= Amélie Plume =

Swiss writer (born 1943)

Amélie Plume (born 1943 in La Chaux-de-Fonds, Switzerland) is a Swiss writer. She won the Schiller Prize for her whole body of work in 1988. She also won the Pittard de l'Andelyn Prize om 1993 for Promenade avec Emile L. Her work has been described as comedic and herself as "a rare female burlesque writer". Some of her books have been translated into German.

== Biography ==
Plume was born in La Chaux-de-Fonds in Switzerland in 1943. Her father worked in German-speaking Switzerland and was often absent. She studied literature and ethnology at the Université de Neuchâtel.

Plume travelled to Africa, Israel and New York City where she taught French. She began to write in 1981. Returning to Switzerland, Plume opened a creative workshop for painting after having learned in Paris. She later devoted herself to writing. She has written more than a dozen novels, and has been described as a "rare female burlesque writer": "Amélie Plume's work is entirely devoted to comedy and self-mockery; at its core, however, is rebellion." Some of her works have been translated into German.

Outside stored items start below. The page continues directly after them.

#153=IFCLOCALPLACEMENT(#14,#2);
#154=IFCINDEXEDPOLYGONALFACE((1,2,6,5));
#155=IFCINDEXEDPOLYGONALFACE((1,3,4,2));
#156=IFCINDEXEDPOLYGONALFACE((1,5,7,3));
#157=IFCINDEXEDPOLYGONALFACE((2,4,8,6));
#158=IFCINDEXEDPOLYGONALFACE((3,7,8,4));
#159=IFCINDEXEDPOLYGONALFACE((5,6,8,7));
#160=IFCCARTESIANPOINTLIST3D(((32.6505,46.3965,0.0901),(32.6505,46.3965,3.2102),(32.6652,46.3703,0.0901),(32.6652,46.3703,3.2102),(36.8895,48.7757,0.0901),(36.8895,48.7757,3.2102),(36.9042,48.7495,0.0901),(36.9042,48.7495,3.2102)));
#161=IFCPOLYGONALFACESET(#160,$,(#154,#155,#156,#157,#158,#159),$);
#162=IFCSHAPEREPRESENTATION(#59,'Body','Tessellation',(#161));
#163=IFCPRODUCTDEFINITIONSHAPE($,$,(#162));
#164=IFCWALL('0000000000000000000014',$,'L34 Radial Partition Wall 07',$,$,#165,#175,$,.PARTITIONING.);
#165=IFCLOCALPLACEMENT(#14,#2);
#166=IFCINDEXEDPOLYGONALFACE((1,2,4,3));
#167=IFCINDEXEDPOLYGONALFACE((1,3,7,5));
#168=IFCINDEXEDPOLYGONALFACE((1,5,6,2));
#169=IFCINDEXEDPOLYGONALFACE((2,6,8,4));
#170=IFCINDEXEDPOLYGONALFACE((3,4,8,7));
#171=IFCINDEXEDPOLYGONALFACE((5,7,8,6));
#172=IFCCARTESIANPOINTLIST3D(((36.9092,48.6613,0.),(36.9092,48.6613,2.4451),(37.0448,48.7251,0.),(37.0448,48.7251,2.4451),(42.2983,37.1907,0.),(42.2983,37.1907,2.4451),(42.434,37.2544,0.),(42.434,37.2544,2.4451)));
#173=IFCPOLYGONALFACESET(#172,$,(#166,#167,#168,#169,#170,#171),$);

In 1993 Plume was awarded the Pittard de l'Andelyn Prize for Promenade avec Emile L, published by Zoe in 1992. Her most recent works are Les Fiancés du glacier Express, published in 2010, Tu n'es plus dans le coup, published in 2014, and Un Voile de Coton, published in 2018. In Un Voile de Coton, she revisits the Jura countryside and reflects on her relationship with her mother.

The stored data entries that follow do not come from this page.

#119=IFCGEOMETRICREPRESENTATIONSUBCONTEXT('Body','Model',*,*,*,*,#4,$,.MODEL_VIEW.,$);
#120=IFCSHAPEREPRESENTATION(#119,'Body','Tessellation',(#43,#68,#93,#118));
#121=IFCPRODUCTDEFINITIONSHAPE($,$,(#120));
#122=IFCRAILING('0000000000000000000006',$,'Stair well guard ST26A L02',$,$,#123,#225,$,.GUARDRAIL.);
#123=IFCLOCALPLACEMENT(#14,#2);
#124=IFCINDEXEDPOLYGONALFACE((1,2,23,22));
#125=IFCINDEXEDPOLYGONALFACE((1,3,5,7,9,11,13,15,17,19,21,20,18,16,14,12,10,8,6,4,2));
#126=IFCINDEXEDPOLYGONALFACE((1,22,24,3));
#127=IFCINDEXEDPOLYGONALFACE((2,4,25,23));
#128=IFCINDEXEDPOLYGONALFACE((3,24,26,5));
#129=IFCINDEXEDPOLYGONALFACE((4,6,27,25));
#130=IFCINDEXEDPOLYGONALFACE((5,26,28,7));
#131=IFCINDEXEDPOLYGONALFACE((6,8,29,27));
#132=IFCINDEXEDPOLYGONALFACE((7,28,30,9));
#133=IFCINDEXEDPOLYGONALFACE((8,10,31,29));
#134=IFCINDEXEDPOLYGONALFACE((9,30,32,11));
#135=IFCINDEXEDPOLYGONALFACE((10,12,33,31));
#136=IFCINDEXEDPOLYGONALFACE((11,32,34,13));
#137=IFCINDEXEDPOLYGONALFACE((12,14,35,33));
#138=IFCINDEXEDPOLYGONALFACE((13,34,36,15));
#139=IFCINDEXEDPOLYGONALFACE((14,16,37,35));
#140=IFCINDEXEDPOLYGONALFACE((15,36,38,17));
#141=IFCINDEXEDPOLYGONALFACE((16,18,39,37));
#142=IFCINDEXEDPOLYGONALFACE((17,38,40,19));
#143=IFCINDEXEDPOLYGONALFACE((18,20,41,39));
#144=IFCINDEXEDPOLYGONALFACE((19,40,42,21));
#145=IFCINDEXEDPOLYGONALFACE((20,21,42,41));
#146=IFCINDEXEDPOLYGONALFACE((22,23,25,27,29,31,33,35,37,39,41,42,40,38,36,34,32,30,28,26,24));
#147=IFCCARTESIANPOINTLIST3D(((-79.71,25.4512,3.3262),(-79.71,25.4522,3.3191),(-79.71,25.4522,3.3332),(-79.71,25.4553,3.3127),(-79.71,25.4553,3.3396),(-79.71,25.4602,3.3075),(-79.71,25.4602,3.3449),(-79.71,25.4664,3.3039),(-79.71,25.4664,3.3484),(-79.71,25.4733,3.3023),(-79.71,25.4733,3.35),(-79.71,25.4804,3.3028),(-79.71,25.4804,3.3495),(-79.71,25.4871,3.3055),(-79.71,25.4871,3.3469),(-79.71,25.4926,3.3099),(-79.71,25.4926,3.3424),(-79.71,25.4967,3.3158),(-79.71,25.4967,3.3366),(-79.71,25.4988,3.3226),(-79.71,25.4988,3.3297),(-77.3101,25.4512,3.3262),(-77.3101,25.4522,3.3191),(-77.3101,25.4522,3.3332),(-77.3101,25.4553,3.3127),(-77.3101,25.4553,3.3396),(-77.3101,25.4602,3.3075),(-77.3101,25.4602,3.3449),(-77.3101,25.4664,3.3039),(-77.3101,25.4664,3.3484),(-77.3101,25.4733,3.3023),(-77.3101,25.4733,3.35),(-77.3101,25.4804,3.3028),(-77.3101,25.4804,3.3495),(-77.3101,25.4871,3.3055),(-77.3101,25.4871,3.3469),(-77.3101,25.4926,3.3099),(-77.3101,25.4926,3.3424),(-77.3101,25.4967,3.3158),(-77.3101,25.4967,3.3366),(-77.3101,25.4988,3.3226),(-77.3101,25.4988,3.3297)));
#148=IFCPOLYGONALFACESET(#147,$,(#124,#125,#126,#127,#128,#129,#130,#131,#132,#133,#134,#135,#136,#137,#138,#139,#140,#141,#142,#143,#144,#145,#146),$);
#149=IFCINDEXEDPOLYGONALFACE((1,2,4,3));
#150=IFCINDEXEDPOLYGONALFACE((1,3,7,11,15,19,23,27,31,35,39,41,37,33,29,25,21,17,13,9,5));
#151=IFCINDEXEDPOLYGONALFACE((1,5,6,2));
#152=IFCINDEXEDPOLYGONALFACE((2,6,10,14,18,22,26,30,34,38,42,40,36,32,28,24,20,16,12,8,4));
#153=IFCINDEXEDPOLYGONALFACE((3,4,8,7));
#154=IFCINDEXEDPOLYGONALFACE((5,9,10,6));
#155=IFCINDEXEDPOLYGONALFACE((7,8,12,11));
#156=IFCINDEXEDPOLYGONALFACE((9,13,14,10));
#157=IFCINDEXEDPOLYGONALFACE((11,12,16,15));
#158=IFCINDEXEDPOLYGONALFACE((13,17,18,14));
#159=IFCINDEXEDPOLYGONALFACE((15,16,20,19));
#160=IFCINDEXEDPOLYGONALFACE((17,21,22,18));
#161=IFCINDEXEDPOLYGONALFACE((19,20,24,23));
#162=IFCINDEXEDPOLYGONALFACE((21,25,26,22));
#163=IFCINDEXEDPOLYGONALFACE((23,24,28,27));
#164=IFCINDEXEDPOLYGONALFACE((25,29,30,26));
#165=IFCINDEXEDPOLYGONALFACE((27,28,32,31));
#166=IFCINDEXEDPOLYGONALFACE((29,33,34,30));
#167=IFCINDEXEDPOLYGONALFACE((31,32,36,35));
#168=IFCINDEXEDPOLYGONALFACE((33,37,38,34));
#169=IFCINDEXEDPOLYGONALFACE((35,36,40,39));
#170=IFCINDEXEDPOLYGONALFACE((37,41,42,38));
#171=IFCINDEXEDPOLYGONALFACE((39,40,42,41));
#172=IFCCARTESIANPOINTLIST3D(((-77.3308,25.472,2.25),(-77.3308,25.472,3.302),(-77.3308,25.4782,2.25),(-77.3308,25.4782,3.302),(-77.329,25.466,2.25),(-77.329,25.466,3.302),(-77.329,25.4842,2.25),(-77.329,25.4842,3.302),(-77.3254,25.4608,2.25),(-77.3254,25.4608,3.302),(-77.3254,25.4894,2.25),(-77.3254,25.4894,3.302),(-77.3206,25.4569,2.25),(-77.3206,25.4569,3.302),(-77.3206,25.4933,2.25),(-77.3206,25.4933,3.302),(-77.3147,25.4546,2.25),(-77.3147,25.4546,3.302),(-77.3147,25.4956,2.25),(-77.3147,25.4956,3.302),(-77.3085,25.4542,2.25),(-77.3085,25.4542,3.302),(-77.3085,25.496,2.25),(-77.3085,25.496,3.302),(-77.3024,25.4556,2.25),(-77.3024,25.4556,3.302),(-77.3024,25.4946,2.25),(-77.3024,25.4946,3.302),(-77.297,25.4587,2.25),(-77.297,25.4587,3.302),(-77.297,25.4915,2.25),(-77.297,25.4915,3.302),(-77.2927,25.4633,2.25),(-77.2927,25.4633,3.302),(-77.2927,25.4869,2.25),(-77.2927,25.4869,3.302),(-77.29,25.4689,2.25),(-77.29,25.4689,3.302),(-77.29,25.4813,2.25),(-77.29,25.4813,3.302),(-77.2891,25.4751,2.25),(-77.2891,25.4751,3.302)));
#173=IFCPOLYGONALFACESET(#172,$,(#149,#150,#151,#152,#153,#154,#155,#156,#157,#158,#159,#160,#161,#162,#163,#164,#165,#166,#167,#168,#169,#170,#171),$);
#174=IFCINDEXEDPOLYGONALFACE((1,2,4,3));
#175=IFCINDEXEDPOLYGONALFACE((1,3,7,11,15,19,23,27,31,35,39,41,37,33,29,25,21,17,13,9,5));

She divides her time between Geneva and Hyère.

== Writings ==

=== Novels ===
- Les Aventures de Plumette et de son premier amant : récit, préf. de Catherine Safonoff, Editions Zoé, 1981
- En bas, tout en bas dans la plaine, Editions Zoé, 1986
- Marie-Mélina s'en va, Editions Zoé, 1988
- La mort des forêts, ni plus ni moins, Editions Zoé, 1989
- Promenade avec Emile L., Editions Zoé, 1992
- Hélas nos chéris sont nos ennemis, Editions Zoé, 1995
- Ô qu'il est beau le jet d'eau, postf. de Doris Jakubec, Editions Zoé, 1995
- Oui Emile pour la vie, Editions Zoé, (1984) 1997
- Ailleurs c'est mieux qu'ici, Editions Zoé, (1998) 2003
- Toute une vie pour se déniaiser, Editions Zoé, 2003
- Chronique de la Côte des neiges, Editions Zoé, 2006
- Mademoiselle Petite au bord du Saint-Laurent, Editions Zoé, 2007

=== Plays and radiophonic parts ===

- Un mariage suisse
- Que souhaiter de plus? : pièce de théâtre en cinq tableaux, Editions Trois P'tits Tours, 2000

== Prizes ==
She received the Prix Schiller in 1988 for the totality of her work.

== Critical studies ==
- La langue et le politique : enquête auprès de quelques écrivains suisses de langue française, éd., conc. et préf. par Patrick Amstutz, postf. de Daniel Maggetti, Editions de L'Aire, Vevey, 2001. p. 140.